I wrote a book, Walking With Sam: A Father, a Son, and Five Hundred Miles Across Spain, which tells the story of our journey from my perspective, but what did it mean to him? Why would a teenager say yes to a month of hiking with his dad?
“It didn’t really feel like a big decision,” Sam said. “It was something you always talked about, and it intrigued me – the idea of walking across a country. I didn’t feel like, “Oh, now I’m going to go for a walk and do this thing with my dad so we can get closer.” That wasn’t really the case for me.”
“But I’d say it’s drawn us closer together,” I said.
“Of course,” he said.
This conversation has been shortened and edited for clarity.
What surprised you the most?
Before you started something like the Camino, at least to me, the idea of finishing or finishing it felt kind of amorphous. I didn’t know what to expect. But there is great power that accompanies an achievement like walking. It’s a bit unshakable. It is something tangible that you have completed that cannot be taken away from you. I suppose for the first time I got the feeling of doing something difficult that had seemed a bit incomprehensible. I mean there’s a hill and it’s so far away, and then I get to the hill, and then I walk to the top and then there’s another one in the distance and it’s super far away. And then I get to it and then I get to the top, and then there’s another one until you get somewhere. And that gives you, I don’t know, a kind of ownership that can’t be explained away.

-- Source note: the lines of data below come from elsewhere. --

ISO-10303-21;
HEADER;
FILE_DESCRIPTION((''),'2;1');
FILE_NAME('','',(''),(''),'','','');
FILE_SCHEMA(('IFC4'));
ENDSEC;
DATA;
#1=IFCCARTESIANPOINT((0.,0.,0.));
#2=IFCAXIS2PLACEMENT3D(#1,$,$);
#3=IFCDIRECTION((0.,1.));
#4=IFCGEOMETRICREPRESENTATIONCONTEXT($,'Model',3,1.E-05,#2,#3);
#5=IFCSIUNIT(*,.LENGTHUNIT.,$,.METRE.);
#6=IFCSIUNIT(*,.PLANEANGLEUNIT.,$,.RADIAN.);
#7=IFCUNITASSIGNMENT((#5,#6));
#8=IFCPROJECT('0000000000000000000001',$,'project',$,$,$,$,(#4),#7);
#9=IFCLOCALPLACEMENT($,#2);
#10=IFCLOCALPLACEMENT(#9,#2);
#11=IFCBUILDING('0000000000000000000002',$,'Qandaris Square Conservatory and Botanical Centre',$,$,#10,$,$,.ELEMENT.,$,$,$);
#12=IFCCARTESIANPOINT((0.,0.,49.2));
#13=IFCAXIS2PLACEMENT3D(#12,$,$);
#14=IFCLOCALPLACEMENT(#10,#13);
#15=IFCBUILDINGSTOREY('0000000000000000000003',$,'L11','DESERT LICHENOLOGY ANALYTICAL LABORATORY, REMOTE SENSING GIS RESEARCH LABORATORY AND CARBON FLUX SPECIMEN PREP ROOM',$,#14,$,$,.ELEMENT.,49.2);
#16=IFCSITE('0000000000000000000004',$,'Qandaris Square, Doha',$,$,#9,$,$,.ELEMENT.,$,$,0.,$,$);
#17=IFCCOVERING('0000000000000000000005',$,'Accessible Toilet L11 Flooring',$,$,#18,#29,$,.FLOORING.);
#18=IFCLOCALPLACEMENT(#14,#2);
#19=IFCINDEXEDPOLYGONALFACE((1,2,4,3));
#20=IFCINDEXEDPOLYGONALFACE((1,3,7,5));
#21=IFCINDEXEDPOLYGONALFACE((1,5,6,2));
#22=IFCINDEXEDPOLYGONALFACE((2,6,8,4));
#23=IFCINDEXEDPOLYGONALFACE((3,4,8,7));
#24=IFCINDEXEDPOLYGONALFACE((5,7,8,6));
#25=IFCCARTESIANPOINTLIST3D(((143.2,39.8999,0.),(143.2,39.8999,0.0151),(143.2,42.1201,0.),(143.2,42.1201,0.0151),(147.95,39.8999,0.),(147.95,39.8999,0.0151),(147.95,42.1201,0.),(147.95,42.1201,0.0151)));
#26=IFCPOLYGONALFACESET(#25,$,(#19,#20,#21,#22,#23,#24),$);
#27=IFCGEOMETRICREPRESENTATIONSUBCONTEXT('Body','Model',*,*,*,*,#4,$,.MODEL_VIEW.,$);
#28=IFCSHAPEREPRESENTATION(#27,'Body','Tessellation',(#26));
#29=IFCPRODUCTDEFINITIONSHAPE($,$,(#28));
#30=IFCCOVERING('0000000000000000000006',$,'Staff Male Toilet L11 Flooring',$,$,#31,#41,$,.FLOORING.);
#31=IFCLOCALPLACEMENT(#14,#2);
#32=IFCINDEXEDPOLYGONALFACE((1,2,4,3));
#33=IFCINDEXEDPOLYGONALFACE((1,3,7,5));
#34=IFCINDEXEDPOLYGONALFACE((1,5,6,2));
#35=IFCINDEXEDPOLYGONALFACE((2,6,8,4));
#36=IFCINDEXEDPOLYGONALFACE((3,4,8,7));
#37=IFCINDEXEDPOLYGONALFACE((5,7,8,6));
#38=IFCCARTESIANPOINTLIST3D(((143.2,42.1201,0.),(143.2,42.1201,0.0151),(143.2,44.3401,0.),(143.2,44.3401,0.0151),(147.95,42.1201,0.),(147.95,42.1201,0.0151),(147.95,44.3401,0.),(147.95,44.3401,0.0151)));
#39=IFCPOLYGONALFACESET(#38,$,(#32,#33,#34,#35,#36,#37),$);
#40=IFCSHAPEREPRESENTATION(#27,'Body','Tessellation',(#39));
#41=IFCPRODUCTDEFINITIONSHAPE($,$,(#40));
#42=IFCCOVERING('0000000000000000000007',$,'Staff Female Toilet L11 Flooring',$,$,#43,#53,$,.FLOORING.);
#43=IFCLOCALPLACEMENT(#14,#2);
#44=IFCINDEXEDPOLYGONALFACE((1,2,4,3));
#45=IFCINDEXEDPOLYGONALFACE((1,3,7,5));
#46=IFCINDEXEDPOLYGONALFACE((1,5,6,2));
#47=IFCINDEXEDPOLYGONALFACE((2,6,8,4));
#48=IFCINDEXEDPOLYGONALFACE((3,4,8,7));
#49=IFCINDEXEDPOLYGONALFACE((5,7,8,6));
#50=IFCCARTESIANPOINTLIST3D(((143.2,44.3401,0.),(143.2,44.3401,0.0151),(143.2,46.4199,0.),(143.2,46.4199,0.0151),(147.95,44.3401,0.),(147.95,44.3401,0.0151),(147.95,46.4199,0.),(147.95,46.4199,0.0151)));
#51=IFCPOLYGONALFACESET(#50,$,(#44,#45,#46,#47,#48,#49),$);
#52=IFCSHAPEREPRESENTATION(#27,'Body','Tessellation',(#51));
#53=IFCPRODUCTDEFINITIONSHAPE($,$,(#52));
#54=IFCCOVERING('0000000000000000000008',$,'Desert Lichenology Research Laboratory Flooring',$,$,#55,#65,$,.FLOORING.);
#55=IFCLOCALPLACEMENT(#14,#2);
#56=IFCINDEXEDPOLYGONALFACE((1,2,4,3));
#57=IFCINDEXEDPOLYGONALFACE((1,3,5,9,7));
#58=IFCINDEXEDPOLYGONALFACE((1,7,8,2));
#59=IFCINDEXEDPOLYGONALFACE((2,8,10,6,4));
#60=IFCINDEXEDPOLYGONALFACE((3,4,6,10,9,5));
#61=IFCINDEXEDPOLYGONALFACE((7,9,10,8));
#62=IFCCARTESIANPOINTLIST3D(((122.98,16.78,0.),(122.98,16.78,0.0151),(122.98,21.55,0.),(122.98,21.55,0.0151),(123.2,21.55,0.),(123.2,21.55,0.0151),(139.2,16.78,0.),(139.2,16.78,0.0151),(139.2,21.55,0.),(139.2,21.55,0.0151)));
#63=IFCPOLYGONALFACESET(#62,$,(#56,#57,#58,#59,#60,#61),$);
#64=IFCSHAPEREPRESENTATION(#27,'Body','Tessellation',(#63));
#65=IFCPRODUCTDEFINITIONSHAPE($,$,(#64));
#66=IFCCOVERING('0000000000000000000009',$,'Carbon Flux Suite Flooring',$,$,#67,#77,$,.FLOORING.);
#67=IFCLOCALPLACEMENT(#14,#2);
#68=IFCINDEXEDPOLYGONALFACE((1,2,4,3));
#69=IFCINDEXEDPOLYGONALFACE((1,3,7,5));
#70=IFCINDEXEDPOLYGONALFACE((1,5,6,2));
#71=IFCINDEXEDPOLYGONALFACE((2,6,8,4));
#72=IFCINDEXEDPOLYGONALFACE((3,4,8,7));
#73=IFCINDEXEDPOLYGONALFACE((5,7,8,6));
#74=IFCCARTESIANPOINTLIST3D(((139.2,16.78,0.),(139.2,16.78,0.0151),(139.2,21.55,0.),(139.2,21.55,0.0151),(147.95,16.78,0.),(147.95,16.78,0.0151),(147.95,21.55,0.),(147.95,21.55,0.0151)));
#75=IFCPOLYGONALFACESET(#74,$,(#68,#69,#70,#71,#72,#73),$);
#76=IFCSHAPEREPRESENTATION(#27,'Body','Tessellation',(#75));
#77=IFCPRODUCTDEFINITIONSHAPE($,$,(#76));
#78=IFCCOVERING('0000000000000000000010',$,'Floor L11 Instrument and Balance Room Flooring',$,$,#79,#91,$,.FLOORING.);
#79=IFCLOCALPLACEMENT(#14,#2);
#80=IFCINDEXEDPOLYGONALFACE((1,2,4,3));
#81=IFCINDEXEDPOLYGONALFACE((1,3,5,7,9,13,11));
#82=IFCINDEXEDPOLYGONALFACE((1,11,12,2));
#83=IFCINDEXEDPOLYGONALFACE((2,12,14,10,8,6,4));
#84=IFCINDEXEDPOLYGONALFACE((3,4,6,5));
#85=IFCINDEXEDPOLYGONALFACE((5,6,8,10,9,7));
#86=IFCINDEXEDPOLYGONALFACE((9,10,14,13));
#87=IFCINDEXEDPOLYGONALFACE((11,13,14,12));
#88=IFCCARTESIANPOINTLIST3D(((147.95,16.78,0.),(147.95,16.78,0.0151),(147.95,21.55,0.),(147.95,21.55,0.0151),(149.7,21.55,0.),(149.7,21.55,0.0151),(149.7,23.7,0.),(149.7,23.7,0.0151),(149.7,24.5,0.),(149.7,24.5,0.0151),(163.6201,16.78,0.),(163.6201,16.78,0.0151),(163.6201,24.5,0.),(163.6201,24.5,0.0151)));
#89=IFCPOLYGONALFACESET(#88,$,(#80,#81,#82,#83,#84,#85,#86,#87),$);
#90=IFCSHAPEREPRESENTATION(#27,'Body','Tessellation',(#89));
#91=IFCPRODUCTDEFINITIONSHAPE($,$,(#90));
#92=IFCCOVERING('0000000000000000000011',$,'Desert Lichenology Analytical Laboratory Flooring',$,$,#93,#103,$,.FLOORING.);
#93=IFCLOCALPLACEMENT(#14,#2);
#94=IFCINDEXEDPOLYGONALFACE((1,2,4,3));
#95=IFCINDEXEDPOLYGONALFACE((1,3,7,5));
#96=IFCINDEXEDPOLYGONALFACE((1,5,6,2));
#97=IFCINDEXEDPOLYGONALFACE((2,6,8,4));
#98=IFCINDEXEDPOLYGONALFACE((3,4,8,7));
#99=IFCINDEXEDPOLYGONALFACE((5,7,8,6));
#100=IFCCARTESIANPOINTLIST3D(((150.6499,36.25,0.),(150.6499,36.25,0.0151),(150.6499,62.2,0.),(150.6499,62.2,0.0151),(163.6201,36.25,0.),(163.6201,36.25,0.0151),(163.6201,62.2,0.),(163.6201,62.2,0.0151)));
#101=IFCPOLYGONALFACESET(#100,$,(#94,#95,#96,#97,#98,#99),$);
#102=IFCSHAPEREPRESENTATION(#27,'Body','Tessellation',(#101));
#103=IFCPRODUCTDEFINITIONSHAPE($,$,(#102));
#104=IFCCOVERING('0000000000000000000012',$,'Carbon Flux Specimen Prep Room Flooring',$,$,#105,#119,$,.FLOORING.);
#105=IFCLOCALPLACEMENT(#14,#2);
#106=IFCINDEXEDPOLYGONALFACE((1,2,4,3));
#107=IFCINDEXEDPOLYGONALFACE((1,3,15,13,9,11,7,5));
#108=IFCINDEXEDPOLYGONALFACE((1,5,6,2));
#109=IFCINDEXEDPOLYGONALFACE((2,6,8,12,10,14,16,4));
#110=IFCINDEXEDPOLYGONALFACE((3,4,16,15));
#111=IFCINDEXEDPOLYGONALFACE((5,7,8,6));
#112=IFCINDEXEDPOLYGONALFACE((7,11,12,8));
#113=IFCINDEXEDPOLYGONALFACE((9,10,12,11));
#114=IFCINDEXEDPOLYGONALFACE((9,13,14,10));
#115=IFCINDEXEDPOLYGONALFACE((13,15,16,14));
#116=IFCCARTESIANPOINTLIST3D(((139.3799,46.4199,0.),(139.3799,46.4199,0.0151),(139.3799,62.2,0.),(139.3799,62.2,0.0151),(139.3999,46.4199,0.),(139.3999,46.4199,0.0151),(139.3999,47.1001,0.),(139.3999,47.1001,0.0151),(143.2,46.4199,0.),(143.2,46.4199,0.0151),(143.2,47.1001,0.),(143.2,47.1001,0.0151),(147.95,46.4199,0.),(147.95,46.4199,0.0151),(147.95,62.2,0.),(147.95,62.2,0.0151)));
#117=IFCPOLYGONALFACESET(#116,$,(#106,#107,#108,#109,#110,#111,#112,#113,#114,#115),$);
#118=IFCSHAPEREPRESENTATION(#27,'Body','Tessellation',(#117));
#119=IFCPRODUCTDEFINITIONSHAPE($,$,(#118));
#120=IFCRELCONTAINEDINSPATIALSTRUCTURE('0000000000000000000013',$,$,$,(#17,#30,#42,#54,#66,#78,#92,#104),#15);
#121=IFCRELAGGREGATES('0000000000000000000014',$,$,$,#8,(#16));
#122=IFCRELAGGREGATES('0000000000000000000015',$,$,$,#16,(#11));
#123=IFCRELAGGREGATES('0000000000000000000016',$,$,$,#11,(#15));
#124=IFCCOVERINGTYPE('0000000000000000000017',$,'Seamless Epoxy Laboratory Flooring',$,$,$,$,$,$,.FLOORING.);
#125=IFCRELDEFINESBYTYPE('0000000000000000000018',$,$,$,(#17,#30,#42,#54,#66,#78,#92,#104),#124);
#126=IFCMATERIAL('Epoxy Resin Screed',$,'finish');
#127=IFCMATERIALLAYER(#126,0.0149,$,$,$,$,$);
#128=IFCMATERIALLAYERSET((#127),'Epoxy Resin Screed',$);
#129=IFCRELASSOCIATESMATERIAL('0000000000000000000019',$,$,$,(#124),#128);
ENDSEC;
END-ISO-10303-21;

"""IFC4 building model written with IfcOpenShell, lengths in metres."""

from ifc_helpers import new_model, si_unit, direction, frame, origin, place, context, subcontext, project, spatial, polyline, outline, extrude, material, layer, layer_set, type_object, element, save


model = new_model("IFC4")

# Units and contexts
model_context = context("Model", 3, precision=1e-05, world=origin(), true_north=direction((0.0, 1.0)))
body_context = subcontext(model_context, "Body", "Model", "MODEL_VIEW")
ifc_project = project(units=[si_unit("LENGTHUNIT", "METRE"), si_unit("PLANEANGLEUNIT", "RADIAN")], contexts=[model_context])

# Site, building, storey
site_placement = place(None, origin())
site = spatial("IfcSite", under=ifc_project, at=site_placement, Name="Qandaris Square, Doha", CompositionType="ELEMENT", RefElevation=0.0)
building_placement = place(site_placement, origin())
building = spatial("IfcBuilding", under=site, at=building_placement, Name="Qandaris Square Conservatory and Botanical Centre", CompositionType="ELEMENT")
storey_placement = place(building_placement, frame((0.0, 0.0, 49.2)))
storey = spatial("IfcBuildingStorey", under=building, at=storey_placement, Name="L11", Description="DESERT LICHENOLOGY ANALYTICAL LABORATORY, REMOTE SENSING GIS RESEARCH LABORATORY AND CARBON FLUX SPECIMEN PREP ROOM", CompositionType="ELEMENT", Elevation=49.2)

# Coverings
ifc_material_1 = material(Name="Epoxy Resin Screed", Category="finish")
ifc_layer_1 = layer(ifc_material_1, 0.0149)
ifc_layer_set_1 = layer_set([ifc_layer_1], Name="Epoxy Resin Screed")
covering_type_1 = type_object("IfcCoveringType", Name="Seamless Epoxy Laboratory Flooring", PredefinedType="FLOORING", material=ifc_layer_set_1)
covering_1_placement = place(storey_placement, origin())
element("IfcCovering", 1, at=covering_1_placement, inside=storey, type_object=covering_type_1, Name="Accessible Toilet L11 Flooring", PredefinedType="FLOORING", context=body_context, shape_type="SweptSolid", body=[
    extrude(outline(polyline([(147.95, 42.1201), (147.95, 39.8999), (143.2, 39.8999), (143.2, 42.1201), (147.95, 42.1201)])), origin(), (0.0, 0.0, 1.0), 0.0151),
])
covering_2_placement = place(storey_placement, origin())
element("IfcCovering", 2, at=covering_2_placement, inside=storey, type_object=covering_type_1, Name="Staff Male Toilet L11 Flooring", PredefinedType="FLOORING", context=body_context, shape_type="SweptSolid", body=[
    extrude(outline(polyline([(147.95, 44.3401), (147.95, 42.1201), (143.2, 42.1201), (143.2, 44.3401), (147.95, 44.3401)])), origin(), (0.0, 0.0, 1.0), 0.0151),
])
covering_3_placement = place(storey_placement, origin())
element("IfcCovering", 3, at=covering_3_placement, inside=storey, type_object=covering_type_1, Name="Staff Female Toilet L11 Flooring", PredefinedType="FLOORING", context=body_context, shape_type="SweptSolid", body=[
    extrude(outline(polyline([(147.95, 46.4199), (147.95, 44.3401), (143.2, 44.3401), (143.2, 46.4199), (147.95, 46.4199)])), origin(), (0.0, 0.0, 1.0), 0.0151),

Did you find it physically demanding?
Yes I did. I found it physically difficult for the first two, two and a half weeks, and in the last few weeks I felt like I could walk two more countries.
Why did you go to Finisterre?
Because what’s the point of just going to Santiago?
Because that’s where the pilgrimage ends.
Yes, but I was not a religious pilgrim. That was nothing to me. It was always talked about as a walk through Spain, and then you stop 90 percent of the way? Why should I just stop?
The easy metaphor of you going above and beyond what I did, the idea of my son accomplishing more than me – I think that’s a desire that’s in every parent’s psyche.
Okay, well, that’s your thing. I wanted to see the ocean.
Was reaching the sea the highlight of your journey?
It was the whole experience. It’s kind of indescribable, and I think it’s weird to talk about it because the words in the English language can’t really – not that it was such an intergalatically profound experience, although it was profound. It’s more like I don’t know how you would really describe it. I suppose the pinnacle was the state of being you enter. And sure, reaching Finisterre, but I’m not sure finishing is the intention.
What is the point?
There was a saying on the Camino that you didn’t understand or really care about that I loved: “Walk, don’t reach.”
So what does that saying mean?
It just means walking. Don’t think about where to go next time. Don’t reach for a finish line. Just be here instead of reaching for what’s in front of you in five minutes, five days, or five weeks. It’s not an original idea. But you know, maybe I lost myself a little bit for the Camino, and I think you saw that. People are going to try to find themselves. You walk and walk and walk and it’s like, am I here? Am I here? And it’s like no, I’m here all the time.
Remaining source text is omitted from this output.